None of these claims are false; they just don’t apply to regular expression matching in the sense that most people would imagine (any more than, say, someone would claim, "colloquially" that summing a list of N integers is O(N^2) since it’s quite possible that each integer might be N bits long). It depends on the generally unfamiliar notion that the regular expression being matched might be arbitrarily varied to add more back-references.
These constructions rely on being able to add more things to the regular expression as the size of the problem that’s being reduced to ‘regex matching with back-references’ gets bigger.
Suppose, instead, as per more common practice, we are considering the difficulty of matching a fixed regular expressions with one or more back-references against an input of size N.
Is this task is in P? That is, is there a polynomial-time algorithm in the size of the input that will tell us whether this back-reference containing regular expression matched?

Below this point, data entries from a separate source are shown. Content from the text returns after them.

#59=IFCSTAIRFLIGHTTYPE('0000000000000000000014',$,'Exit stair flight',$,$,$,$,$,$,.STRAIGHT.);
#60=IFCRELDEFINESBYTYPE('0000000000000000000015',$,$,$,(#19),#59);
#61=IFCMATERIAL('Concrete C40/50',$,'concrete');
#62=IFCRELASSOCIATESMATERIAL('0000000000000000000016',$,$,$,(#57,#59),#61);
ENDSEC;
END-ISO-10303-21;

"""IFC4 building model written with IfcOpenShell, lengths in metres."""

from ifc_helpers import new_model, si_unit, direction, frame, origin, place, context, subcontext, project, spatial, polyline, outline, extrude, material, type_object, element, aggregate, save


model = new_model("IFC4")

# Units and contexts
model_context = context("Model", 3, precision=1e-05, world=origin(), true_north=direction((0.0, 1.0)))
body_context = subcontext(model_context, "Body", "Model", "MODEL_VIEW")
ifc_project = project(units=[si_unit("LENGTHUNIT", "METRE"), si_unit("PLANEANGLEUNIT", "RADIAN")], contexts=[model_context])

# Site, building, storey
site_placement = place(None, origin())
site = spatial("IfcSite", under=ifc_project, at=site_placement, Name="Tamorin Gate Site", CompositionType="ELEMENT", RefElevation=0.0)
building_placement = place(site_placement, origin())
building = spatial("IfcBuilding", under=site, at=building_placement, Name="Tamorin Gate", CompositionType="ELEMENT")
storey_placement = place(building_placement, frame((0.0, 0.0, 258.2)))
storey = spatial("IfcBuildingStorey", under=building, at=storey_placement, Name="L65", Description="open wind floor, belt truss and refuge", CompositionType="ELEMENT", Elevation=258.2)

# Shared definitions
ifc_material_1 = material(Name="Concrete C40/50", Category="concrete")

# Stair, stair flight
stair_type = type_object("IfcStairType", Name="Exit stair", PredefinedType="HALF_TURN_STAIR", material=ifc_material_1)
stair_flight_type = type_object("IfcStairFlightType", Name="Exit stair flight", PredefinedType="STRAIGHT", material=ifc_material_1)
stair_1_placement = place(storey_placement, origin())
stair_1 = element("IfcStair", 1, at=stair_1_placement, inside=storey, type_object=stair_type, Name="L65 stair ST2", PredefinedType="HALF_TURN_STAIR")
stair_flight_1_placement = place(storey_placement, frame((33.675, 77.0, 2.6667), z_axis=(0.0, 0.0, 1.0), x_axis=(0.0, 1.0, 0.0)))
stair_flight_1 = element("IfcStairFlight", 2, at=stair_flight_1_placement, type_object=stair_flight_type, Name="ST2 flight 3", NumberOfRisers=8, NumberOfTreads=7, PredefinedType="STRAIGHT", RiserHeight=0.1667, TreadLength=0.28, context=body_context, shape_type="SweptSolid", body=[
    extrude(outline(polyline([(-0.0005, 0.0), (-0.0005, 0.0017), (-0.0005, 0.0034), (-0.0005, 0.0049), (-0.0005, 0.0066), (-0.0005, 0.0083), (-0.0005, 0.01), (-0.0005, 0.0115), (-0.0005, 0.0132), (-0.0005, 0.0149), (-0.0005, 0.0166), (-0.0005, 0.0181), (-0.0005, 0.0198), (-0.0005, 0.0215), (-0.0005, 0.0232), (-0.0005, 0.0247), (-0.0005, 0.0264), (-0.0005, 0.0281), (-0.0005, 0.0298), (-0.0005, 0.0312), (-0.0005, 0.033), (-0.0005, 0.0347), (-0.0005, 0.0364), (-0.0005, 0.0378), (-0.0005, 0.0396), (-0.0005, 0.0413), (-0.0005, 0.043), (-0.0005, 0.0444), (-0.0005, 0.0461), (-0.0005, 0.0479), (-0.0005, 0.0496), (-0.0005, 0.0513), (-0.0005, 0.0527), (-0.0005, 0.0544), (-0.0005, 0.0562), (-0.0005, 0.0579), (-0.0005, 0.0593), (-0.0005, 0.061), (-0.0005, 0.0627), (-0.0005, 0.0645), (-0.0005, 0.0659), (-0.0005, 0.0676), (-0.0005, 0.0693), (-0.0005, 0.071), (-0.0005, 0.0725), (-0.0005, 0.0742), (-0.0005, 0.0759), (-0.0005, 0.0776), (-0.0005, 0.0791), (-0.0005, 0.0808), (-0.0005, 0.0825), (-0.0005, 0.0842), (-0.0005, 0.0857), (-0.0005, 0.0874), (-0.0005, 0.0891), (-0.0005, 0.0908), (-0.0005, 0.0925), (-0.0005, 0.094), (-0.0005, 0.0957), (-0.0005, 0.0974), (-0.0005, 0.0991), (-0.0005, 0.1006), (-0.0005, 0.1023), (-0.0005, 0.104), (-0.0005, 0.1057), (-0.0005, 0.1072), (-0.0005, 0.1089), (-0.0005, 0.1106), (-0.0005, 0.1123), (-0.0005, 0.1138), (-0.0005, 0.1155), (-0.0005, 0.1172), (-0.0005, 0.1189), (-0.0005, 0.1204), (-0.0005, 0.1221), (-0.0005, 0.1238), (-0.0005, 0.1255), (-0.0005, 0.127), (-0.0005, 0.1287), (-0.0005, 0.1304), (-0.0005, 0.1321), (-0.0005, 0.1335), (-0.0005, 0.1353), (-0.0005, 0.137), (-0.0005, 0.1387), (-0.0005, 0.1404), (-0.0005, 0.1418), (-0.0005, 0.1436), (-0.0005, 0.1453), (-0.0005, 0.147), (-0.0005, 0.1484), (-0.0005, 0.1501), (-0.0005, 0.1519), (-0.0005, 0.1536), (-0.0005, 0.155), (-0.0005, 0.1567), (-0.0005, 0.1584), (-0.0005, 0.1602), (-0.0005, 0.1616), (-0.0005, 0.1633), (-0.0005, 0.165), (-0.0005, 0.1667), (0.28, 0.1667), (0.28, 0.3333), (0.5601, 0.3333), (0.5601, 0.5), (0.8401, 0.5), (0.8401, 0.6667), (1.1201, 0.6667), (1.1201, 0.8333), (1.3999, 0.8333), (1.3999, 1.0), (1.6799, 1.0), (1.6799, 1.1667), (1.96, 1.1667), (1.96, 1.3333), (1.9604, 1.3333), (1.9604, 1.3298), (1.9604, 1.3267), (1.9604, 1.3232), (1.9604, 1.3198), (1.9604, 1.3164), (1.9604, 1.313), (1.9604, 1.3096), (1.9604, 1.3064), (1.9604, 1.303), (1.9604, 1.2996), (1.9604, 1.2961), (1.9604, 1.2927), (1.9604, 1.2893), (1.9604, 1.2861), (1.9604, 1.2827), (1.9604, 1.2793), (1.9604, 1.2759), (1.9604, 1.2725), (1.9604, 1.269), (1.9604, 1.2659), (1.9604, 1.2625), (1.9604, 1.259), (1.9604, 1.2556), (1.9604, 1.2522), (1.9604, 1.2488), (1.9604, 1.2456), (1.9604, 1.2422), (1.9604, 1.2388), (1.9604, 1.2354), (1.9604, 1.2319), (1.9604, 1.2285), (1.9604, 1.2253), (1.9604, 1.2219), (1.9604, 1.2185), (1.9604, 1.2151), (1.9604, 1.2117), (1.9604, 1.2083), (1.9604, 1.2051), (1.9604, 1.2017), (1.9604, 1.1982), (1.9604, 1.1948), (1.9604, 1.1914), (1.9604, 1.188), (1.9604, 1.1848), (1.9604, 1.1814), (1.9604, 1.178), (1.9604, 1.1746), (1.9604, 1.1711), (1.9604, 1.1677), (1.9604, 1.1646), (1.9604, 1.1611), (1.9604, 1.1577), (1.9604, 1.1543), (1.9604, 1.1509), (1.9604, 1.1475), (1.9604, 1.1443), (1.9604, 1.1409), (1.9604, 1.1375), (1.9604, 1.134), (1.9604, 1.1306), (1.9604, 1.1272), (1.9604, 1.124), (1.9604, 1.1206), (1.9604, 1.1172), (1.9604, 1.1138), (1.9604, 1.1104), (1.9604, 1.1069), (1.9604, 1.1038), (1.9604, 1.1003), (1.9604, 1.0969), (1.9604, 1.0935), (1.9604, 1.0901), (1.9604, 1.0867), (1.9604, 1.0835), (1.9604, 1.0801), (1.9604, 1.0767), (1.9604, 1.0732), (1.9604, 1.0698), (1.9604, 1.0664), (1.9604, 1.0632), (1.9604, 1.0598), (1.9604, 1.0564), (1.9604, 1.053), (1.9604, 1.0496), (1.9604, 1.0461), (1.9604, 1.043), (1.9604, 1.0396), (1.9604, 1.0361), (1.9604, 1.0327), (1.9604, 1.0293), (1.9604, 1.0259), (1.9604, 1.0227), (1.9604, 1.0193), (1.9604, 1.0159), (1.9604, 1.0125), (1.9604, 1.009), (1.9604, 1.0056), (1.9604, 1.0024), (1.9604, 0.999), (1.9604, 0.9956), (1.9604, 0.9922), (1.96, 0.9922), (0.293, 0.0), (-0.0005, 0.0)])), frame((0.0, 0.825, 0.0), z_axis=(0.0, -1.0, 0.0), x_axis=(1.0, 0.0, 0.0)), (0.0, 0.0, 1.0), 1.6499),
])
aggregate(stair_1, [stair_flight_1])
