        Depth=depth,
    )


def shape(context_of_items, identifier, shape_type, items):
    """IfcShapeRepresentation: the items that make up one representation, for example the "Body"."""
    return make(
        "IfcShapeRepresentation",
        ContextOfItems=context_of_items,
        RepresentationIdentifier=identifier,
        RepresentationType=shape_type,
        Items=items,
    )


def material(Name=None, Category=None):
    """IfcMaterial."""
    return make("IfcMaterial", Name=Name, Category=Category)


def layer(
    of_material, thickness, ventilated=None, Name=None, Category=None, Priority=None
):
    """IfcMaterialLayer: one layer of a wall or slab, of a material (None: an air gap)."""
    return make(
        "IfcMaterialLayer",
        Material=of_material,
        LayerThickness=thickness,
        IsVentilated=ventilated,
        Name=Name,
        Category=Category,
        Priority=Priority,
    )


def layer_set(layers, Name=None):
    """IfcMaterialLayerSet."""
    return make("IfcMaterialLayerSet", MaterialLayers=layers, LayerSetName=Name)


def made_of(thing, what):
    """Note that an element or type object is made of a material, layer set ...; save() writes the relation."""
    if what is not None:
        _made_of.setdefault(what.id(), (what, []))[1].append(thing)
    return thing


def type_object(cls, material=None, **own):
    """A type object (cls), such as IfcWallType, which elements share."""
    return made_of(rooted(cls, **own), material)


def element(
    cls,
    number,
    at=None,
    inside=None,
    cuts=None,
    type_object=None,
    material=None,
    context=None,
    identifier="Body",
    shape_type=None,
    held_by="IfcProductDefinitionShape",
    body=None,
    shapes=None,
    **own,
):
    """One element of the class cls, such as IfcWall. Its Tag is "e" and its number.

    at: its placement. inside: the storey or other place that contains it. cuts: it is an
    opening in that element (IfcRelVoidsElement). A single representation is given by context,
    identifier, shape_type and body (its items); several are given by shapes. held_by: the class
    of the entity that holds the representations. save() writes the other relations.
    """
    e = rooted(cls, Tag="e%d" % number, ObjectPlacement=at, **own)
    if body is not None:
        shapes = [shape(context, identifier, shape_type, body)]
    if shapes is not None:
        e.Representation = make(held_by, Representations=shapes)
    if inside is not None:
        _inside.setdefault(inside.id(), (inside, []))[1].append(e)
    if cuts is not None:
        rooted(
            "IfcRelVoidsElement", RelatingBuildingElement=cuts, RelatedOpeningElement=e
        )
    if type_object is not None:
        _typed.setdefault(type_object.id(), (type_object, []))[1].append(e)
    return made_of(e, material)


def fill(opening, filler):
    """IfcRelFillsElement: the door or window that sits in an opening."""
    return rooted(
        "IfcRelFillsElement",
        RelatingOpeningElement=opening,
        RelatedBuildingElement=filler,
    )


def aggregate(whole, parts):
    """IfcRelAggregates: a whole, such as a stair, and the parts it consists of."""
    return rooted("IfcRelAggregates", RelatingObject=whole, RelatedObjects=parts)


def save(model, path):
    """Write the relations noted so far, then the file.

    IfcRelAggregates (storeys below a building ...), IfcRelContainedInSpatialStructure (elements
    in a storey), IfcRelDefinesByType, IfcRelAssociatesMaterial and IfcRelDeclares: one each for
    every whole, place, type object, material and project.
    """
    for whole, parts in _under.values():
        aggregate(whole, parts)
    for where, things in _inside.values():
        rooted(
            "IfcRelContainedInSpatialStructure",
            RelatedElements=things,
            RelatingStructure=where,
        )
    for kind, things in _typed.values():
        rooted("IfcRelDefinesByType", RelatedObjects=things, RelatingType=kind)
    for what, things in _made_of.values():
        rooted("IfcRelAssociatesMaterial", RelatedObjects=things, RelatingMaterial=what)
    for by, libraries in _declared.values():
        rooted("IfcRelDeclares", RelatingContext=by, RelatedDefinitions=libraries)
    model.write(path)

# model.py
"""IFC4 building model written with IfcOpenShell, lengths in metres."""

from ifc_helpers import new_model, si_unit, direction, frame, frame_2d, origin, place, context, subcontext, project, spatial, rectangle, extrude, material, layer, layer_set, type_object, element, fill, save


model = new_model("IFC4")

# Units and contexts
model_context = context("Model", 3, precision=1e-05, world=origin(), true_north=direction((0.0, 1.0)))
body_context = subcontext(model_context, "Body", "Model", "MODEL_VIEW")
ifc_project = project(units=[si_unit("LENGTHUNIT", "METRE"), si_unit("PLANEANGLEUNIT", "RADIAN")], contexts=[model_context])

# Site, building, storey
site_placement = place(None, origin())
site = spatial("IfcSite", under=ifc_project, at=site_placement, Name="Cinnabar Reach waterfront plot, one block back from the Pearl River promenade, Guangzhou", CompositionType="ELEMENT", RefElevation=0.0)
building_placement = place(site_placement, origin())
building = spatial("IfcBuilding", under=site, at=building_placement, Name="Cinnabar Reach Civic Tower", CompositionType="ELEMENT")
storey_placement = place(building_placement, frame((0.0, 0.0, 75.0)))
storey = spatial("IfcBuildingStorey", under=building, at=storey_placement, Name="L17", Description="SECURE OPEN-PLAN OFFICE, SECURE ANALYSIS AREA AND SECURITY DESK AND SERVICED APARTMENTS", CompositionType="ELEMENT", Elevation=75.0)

Note that back-references in a regular expression don’t "lock" – so the pattern /((\wx)\2)z/ will match "axaxbxbxz" (EDIT: sorry, I originally fat-fingered this example). So, sadly, we can’t just enumerate all starts and ending positions of every back-reference (say there are k backreferences) for a bad but polynomial-time algorithm (this would be O(N^2k) runs of our algorithm without back-references, so if we had a O(N) algorithm we could solve it in O(N^(2k+1)). Unfortunately, this construction doesn’t work – the capturing parentheses to which the back-references occur update, and so there can be numerous instances of them.
Note that even a lousy algorithm for establishing that this is possible suffices. So if there’s a construction that shows that we can match regular expressions with k backreferences in O(N^(100k^2+10000)) we’d still be in P, even if the algorithm is rubbish. I’ve read that (I forget the source) that, informally, a lousy poly-time algorithm can often be improved, but an exponential-time algorithm is intractable. So knowing that this problem was in P would be helpful.
So I’m curious – are there any either (a) results showing that fixed regex matching with back-references is also NP-hard, or (b) results, possibly the construction of a dreadfully naive algorithm, showing that it can be polynomial?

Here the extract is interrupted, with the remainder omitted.